Der 28-Jährige spricht in diesem Jahr offen über einen Perspektivwechsel. „Dieses Jahr möchte ich Tennis ein bisschen mehr genießen“, betont er. Er werde älter und wisse, dass die Karriere nicht ewig dauere. Gleichzeitig hoffe er, noch mindestens zehn Jahre auf diesem Niveau spielen zu können. Freude und Leichtigkeit rücken für ihn stärker in den Mittelpunkt.
In Mexiko begleitet ihn seine fast fünfjährige Tochter Mayla. Ihre Anwesenheit, so erzählt Zverev, lasse ihn vieles entspannter sehen. Diese Gelassenheit überträgt sich offenbar auch auf sein Spiel. Er wirkt klar in seinen Entscheidungen, ruhig in engen Momenten und fokussiert auf das Wesentliche.

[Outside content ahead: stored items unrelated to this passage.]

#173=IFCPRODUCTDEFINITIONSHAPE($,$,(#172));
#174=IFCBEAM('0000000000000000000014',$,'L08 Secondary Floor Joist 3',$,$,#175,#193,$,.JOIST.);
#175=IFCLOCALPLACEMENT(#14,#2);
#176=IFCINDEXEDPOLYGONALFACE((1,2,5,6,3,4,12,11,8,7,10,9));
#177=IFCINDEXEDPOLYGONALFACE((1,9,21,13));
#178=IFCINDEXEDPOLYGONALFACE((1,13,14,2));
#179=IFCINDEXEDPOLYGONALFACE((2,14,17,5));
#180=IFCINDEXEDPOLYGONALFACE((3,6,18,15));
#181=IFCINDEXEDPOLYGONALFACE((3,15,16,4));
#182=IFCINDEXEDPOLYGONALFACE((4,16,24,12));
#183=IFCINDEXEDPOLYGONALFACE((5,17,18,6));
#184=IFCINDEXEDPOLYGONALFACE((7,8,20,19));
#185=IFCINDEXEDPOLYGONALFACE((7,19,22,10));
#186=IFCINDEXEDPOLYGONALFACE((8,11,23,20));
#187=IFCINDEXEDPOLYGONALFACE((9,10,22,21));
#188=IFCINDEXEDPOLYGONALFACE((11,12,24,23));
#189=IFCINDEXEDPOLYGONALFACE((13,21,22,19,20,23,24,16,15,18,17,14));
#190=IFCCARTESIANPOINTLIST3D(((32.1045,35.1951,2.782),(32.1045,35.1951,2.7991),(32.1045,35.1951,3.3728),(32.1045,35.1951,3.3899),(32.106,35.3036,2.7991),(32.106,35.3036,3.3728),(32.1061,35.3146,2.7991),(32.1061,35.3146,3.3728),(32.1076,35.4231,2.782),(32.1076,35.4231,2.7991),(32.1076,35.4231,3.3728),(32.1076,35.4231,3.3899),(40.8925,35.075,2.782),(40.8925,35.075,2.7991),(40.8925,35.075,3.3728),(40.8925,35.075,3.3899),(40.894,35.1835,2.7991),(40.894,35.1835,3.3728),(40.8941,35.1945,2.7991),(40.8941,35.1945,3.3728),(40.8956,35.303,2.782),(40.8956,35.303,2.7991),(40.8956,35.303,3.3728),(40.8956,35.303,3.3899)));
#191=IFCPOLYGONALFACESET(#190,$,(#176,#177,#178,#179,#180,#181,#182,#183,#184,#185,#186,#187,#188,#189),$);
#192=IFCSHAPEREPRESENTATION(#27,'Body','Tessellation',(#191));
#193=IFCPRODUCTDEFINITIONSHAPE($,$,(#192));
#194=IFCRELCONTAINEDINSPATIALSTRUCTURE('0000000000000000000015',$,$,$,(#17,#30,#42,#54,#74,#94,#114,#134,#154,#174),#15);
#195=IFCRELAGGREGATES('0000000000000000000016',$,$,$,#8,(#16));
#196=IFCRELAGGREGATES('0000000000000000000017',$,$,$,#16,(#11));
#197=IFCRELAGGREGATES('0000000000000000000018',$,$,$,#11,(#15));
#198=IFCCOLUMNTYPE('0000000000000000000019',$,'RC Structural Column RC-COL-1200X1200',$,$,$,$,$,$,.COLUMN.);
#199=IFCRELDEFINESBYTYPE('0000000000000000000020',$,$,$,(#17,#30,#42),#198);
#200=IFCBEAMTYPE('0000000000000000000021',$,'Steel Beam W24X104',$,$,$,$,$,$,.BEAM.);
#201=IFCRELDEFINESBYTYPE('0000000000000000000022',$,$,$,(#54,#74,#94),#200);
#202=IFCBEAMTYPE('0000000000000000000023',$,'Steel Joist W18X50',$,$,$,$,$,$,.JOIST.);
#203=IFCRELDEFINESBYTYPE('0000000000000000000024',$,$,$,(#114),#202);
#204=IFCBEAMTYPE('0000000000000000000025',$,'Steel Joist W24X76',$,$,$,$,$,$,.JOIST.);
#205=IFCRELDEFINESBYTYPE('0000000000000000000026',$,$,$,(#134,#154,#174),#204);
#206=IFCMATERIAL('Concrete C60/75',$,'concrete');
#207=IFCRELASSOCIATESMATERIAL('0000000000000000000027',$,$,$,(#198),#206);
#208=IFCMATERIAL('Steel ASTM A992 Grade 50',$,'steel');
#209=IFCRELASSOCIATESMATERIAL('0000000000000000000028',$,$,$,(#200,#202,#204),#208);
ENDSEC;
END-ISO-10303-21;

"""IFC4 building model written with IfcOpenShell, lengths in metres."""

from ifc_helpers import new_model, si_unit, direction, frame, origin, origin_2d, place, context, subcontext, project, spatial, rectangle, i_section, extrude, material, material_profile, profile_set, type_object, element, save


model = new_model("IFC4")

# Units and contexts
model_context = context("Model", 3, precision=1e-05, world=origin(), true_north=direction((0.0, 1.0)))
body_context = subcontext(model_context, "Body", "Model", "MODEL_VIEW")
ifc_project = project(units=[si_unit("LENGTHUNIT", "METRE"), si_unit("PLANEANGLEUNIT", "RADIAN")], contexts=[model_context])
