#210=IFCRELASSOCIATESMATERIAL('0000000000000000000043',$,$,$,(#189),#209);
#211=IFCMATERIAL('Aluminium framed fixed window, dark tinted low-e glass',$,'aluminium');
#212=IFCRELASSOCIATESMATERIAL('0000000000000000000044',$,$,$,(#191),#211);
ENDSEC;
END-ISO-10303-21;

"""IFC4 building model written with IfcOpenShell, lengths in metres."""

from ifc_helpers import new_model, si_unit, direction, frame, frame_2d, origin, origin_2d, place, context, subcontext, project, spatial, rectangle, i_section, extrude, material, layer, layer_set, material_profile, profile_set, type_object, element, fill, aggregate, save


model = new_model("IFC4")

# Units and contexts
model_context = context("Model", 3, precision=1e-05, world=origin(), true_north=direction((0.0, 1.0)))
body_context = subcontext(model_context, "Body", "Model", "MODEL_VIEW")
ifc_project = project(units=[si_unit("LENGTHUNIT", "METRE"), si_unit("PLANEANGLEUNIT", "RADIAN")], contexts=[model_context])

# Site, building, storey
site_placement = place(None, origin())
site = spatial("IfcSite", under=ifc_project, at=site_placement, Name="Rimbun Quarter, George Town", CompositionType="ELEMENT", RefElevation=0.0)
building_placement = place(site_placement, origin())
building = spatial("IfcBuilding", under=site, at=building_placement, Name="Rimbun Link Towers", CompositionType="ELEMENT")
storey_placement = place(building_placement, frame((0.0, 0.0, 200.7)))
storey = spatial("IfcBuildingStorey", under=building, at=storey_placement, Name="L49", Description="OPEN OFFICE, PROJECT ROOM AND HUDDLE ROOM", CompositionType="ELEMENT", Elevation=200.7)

Während Zverev überzeugte, musste ein anderer Deutscher einen Rückschlag hinnehmen.
Daniel Altmaier schied erneut früh aus. Gegen Alejandro Davidovich Fokina verlor er 5:7, 3:6 und kassierte bei seinem sechsten Turnierstart 2026 die sechste Niederlage. Nach seinem zwischenzeitlichen Vorstoß in die Top 50 im vergangenen Jahr rutschte Altmaier zuletzt wieder aus diesem Bereich heraus.
Auch abseits des Courts steht das Turnier unter besonderer Beobachtung. In weiten Teilen Mexikos kommt es weiterhin zu Gewaltausbrüchen, ausgelöst unter anderem durch Konflikte rund um den Drogenboss Nemesio „El Mencho“ Oseguera Cervantes. Die Veranstalter in Acapulco betonen eine enge Abstimmung mit Bundes-, Landes- und Kommunalbehörden. Strikte Sicherheitsprotokolle sollen einen reibungslosen Ablauf gewährleisten.

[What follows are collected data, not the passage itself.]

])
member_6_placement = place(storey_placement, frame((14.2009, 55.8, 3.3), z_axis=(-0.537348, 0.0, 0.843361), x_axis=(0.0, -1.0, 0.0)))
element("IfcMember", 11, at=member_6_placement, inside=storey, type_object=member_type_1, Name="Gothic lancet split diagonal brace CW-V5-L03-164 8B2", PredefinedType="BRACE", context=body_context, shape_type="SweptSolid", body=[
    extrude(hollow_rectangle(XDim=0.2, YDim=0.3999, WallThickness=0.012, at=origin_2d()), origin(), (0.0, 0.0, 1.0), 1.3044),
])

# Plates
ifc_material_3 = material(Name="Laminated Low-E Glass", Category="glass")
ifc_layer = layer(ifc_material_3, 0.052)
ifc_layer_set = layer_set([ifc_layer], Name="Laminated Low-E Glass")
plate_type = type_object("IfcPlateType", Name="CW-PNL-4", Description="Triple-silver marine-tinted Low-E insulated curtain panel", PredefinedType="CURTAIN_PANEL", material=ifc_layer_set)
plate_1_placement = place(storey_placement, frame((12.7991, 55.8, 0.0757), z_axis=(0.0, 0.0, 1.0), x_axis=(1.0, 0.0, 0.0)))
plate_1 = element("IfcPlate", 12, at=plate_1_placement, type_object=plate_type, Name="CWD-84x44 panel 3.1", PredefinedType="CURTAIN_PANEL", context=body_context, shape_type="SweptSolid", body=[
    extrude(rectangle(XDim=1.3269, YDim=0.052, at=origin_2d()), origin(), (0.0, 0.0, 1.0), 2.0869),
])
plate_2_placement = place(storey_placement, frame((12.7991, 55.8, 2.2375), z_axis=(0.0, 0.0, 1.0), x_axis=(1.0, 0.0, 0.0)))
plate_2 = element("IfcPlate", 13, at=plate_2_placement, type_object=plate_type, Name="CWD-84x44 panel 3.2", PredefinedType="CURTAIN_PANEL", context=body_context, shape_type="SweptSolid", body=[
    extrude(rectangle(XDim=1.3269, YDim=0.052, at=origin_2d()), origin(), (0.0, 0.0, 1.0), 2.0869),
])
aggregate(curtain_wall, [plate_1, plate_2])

Nächste Aufgabe: Kecmanovic
Für Zverev richtet sich der Blick nun nach vorn. Im Achtelfinale trifft er auf den Serben Miomir Kecmanovic. Das Duell dient ihm als nächster Härtetest auf dem Weg zu den anstehenden Masters-1000-Turnieren in Indian Wells und Miami. Gerade auf Hartplatz will der Hamburger in diesem Frühjahr ein Ausrufezeichen setzen.

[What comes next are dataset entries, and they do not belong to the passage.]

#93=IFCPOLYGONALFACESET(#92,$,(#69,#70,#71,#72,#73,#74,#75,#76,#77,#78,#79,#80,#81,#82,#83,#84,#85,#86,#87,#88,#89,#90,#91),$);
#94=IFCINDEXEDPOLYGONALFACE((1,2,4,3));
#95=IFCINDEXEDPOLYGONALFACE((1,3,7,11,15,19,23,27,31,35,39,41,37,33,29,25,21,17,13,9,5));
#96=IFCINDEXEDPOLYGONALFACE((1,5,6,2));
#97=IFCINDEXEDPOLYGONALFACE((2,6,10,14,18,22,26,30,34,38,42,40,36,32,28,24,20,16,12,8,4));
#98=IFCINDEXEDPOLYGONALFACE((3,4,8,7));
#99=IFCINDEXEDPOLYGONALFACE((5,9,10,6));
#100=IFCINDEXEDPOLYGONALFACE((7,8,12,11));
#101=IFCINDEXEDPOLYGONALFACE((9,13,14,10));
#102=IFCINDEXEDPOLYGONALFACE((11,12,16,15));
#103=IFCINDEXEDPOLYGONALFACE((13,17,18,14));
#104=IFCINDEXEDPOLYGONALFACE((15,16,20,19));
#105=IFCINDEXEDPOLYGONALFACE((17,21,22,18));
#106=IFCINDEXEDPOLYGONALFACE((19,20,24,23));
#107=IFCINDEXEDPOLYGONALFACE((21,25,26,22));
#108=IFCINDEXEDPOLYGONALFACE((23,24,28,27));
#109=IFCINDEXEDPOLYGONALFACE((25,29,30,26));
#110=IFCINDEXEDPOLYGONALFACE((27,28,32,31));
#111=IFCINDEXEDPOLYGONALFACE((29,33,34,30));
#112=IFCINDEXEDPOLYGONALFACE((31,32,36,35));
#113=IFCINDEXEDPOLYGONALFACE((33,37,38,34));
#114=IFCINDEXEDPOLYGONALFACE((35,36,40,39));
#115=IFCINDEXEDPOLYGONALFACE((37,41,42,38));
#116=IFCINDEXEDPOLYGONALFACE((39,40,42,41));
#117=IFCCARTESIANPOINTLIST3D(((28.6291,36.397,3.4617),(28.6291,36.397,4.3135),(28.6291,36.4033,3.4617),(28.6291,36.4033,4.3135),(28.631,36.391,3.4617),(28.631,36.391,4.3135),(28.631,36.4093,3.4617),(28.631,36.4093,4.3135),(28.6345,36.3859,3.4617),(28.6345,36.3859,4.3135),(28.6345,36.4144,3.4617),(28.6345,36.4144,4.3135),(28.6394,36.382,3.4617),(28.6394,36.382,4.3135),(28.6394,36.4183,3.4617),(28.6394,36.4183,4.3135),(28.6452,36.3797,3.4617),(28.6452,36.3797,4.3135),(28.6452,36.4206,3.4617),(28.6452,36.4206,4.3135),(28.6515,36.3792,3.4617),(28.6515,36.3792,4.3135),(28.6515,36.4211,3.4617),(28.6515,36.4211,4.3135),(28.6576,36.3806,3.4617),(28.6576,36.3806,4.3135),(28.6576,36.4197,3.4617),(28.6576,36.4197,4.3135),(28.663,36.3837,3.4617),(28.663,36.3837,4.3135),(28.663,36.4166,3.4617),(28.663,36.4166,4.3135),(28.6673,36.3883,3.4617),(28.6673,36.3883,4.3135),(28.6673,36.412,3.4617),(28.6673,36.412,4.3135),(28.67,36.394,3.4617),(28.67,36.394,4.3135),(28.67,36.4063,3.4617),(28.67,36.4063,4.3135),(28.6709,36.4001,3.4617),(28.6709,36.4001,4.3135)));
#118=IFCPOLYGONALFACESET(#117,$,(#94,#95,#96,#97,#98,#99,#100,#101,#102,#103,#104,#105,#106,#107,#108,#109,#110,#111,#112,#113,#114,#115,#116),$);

Der Auftakt in Acapulco liefert dafür eine stabile Grundlage. Zverev agiert selbstbewusst, strukturiert und mit klarer Spielidee. Seine Aufschlagleistung setzt Maßstäbe, sein Grundlinienspiel wirkt variabel und kontrolliert. Das „Mini-Comeback“ ist gelungen – und es deutet darauf hin, dass mit ihm in Mexiko erneut zu rechnen ist.